The comics industry, rather than succumb to governmental oversight, created its own Comics Code Authority, to which every publisher was to adhere. Among the many do’s and don’ts were no more use of the words horror or terror in their titles (effectively killing off EC Comics), all crime must be punished, respect for authority, no sexual perversion or abnormalities, no excessive violence, and no drawings of excessive female pulchritude. Or as Dean Wormer said in ANIMAL HOUSE, “No more fun of any kind!!!”.

Batman and his costumed cohorts (of which there were few, superheroes having gone out of vogue) were essentially deballed. The Dark Knight took on a much lighter tone, and the Dynamic Duo wren’t so dynamic anymore. Batwoman and Bat-Girl were introduced, just to prove Bruce and Dick weren’t sexual deviants after all. They were even given a pet pooch, Ace the Bat-Hound, who aided in their crimefighting efforts.
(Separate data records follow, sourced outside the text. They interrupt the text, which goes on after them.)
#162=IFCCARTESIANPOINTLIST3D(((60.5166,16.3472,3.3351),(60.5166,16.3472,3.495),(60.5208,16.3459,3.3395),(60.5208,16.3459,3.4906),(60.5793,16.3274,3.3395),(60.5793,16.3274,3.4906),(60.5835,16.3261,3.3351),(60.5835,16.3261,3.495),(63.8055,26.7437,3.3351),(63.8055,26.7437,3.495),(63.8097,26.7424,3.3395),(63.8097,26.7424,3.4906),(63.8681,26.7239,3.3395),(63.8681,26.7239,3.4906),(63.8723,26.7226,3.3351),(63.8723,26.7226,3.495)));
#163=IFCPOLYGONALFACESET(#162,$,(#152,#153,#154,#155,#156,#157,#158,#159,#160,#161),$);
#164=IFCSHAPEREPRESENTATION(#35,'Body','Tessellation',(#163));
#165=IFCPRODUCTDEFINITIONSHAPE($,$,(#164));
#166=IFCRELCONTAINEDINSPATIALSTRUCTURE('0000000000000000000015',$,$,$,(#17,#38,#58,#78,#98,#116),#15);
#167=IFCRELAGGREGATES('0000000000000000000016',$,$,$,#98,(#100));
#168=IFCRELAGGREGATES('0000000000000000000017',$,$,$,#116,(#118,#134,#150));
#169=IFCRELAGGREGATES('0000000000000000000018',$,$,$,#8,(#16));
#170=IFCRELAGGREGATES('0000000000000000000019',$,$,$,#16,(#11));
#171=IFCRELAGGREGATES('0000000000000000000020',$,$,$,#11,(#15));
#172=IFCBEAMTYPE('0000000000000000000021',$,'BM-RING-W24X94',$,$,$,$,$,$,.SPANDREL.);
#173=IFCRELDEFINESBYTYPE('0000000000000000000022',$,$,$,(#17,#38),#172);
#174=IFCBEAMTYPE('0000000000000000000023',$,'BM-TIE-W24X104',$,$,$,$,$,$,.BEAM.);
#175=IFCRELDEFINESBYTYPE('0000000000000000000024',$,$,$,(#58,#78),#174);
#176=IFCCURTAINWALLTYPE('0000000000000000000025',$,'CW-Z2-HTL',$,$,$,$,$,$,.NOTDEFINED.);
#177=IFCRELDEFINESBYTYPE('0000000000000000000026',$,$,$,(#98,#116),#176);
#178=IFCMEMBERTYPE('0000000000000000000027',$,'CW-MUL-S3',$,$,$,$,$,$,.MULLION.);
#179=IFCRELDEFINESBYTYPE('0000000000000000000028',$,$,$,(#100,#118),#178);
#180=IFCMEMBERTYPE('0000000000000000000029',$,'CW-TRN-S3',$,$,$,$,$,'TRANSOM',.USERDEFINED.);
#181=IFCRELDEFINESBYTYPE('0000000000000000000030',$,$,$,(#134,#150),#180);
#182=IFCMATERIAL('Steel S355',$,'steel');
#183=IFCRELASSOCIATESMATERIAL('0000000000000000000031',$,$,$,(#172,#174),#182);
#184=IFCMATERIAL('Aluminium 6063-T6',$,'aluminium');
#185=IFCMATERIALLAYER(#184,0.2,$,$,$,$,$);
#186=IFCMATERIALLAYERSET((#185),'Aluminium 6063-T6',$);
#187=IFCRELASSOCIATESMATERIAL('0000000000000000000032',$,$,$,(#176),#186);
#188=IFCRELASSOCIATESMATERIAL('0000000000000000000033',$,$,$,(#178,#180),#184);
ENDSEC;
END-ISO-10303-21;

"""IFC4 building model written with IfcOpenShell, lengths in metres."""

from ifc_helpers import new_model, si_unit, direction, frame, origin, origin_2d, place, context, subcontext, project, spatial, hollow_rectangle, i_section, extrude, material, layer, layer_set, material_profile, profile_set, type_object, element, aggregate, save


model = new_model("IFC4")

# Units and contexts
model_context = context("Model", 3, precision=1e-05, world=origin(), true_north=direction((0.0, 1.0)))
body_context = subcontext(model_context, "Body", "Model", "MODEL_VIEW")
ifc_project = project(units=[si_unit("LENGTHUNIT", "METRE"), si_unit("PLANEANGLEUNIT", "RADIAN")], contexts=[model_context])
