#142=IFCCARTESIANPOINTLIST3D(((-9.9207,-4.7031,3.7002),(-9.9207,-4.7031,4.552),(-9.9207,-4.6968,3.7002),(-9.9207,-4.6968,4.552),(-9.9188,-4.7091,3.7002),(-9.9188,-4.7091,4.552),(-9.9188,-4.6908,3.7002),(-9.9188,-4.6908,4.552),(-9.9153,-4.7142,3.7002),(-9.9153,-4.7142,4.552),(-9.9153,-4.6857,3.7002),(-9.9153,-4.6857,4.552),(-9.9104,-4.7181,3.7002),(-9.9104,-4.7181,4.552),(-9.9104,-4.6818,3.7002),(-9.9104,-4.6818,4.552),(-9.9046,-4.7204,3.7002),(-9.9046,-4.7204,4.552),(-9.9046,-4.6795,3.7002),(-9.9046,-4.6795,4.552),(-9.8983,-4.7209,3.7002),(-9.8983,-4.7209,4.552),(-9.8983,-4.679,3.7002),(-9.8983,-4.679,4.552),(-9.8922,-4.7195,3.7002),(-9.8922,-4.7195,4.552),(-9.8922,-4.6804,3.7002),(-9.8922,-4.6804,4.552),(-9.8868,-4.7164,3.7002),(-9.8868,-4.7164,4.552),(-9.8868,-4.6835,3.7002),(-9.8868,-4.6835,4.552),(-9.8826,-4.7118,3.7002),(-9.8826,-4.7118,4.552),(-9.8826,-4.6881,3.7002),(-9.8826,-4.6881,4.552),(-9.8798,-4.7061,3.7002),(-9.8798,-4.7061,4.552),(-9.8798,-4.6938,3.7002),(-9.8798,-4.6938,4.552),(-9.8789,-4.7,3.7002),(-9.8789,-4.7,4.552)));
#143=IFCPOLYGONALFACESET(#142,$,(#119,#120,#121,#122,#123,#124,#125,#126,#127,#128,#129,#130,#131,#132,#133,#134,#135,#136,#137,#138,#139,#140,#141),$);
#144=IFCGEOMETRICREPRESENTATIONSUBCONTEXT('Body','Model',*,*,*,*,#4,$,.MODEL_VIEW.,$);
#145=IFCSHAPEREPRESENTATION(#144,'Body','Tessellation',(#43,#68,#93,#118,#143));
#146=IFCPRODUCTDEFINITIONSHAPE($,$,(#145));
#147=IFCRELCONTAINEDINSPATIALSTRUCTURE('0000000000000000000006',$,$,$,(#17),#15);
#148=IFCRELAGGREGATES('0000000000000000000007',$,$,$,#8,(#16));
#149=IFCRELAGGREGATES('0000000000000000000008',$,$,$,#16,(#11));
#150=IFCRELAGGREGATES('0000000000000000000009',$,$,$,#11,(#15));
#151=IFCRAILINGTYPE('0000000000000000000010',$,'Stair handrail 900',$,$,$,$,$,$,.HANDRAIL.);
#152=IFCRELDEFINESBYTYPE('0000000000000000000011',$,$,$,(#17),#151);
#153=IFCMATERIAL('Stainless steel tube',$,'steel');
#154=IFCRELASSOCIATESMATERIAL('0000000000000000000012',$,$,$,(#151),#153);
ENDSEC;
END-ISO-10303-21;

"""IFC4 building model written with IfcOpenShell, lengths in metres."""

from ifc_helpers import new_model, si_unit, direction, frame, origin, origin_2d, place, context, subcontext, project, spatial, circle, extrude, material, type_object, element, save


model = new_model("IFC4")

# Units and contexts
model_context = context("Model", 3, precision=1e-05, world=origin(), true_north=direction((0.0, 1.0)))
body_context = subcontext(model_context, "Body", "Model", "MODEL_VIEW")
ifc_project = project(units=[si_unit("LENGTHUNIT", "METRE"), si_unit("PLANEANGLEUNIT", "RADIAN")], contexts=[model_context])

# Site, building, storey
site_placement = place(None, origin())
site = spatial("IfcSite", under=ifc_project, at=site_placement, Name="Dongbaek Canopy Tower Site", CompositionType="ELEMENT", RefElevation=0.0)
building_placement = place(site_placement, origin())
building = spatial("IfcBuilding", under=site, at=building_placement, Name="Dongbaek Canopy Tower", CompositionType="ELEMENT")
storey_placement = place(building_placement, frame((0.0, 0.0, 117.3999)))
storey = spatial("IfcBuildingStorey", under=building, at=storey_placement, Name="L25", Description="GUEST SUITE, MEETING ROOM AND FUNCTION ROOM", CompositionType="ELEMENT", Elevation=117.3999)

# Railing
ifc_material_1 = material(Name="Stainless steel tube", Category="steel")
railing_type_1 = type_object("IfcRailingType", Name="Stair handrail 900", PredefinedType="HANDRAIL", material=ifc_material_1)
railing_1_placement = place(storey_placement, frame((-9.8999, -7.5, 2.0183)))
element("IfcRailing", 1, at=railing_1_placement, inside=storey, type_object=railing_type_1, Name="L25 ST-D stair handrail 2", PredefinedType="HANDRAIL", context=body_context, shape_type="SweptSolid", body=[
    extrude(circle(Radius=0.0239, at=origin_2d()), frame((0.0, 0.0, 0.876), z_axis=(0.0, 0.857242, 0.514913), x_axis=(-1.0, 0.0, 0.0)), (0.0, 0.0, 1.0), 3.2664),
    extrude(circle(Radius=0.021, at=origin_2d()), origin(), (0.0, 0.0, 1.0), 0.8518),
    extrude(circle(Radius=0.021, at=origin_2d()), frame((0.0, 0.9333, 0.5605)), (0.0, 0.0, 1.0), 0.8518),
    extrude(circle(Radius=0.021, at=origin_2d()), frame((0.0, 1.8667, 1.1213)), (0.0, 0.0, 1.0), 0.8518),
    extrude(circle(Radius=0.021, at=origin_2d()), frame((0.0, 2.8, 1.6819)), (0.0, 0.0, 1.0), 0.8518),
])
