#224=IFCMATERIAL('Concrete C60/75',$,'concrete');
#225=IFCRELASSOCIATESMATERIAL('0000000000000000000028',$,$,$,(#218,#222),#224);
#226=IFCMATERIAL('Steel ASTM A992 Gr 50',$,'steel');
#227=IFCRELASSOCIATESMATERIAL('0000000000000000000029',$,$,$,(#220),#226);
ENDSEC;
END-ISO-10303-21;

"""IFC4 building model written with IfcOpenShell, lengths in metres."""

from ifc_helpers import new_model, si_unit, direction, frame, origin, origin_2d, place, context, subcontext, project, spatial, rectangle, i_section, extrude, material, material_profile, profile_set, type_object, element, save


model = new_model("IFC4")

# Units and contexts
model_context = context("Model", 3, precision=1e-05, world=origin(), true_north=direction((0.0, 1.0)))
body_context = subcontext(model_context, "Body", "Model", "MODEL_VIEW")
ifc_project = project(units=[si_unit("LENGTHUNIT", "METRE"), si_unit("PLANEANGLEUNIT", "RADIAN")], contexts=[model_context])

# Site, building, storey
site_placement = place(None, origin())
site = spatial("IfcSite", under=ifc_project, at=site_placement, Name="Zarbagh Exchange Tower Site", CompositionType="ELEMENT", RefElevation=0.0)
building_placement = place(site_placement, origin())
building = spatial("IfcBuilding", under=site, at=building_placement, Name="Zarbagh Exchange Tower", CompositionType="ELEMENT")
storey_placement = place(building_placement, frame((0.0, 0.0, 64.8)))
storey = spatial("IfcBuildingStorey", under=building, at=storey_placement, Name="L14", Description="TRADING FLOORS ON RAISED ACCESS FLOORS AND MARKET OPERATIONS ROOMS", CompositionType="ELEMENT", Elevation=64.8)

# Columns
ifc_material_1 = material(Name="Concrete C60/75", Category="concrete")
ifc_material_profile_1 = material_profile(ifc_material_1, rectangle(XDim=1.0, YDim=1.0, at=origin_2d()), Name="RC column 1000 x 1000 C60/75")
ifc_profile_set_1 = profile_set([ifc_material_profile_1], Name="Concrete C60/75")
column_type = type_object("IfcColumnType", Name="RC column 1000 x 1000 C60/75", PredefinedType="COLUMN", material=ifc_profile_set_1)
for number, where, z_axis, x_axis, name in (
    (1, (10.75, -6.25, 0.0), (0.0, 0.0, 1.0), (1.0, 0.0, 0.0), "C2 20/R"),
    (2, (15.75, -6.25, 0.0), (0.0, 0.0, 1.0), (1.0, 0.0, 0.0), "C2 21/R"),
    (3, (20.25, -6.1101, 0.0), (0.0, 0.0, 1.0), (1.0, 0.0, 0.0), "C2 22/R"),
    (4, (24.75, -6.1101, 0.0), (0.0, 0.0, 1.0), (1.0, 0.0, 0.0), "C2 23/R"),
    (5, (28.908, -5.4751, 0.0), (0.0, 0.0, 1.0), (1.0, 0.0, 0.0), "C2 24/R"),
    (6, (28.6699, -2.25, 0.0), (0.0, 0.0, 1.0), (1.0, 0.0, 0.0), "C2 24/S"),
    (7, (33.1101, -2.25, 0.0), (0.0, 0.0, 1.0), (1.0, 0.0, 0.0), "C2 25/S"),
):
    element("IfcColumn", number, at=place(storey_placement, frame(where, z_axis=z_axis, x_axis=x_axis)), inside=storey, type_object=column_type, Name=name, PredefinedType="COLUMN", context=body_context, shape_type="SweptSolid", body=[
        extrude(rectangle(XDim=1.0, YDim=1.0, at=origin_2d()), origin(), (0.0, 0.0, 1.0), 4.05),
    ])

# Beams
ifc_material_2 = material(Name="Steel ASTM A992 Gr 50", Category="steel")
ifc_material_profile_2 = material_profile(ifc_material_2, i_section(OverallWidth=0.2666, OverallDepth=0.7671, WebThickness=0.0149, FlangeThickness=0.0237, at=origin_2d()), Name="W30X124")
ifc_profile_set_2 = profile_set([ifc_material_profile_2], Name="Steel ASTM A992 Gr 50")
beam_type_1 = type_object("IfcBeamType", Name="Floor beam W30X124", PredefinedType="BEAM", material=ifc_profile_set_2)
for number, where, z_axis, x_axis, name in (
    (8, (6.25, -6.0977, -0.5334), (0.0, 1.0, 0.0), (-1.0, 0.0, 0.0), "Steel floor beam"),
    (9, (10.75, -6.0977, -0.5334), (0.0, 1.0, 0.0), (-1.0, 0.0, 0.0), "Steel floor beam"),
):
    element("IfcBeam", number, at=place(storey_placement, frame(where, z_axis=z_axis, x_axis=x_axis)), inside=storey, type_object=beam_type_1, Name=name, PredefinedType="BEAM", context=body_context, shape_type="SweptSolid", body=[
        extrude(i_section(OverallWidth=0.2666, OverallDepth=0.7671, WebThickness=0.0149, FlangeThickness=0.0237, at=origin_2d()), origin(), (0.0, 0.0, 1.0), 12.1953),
Stories about inter-dimensional imp Bat-Mite were played for “laughs”, and all in all it was a terrible time to be a Bat-Fan.

ENTER JULIUS SCHWARTZ 

Batman was boring, so boring DC was seriously considering cancelling it’s line of Batman comics, until editor Julius Schwartz took over stewardship in 1964. Schwartz, a literary agent who’d once represented Ray Bradbury and H.P. Lovecraft, entered the comics field as an editor in 1944. He helped usher in the Silver Age of Comics with revivals of The Flash, Green Lantern, Hawkman, and the Justice League of America, and now set his sights on returning Batman to his former glory. The “New Look” was initiated; gone were Batwoman, Bat-Mite, and all that silliness, and the writer/artist team of John Broome and Carmine Infantino brought back the detective aspect of Detective Comics. Batman was even given a little costume freshening, with the now-familiar yellow oval encircling the bat on his chest. Things worked out for the best, and Batman was Batman again… thank you, Julie Schwartz!

HOLY CAMP CRAZE! 

Batman first appeared onscreen in a 1943 serial starring Lewis Wilson and Douglas Croft as the Dynamic Duo, battling the evil machinations of Japanese spy Dr. Daka (J. Carrol Naish). They wouldn’t return until 1949, this time with Robert Lowery and Johnny Duncan taking on criminal mastermind The Wizard (Leonard Penn). Batman and Robin wouldn’t be seen in live action form until 17 years later, this time on television.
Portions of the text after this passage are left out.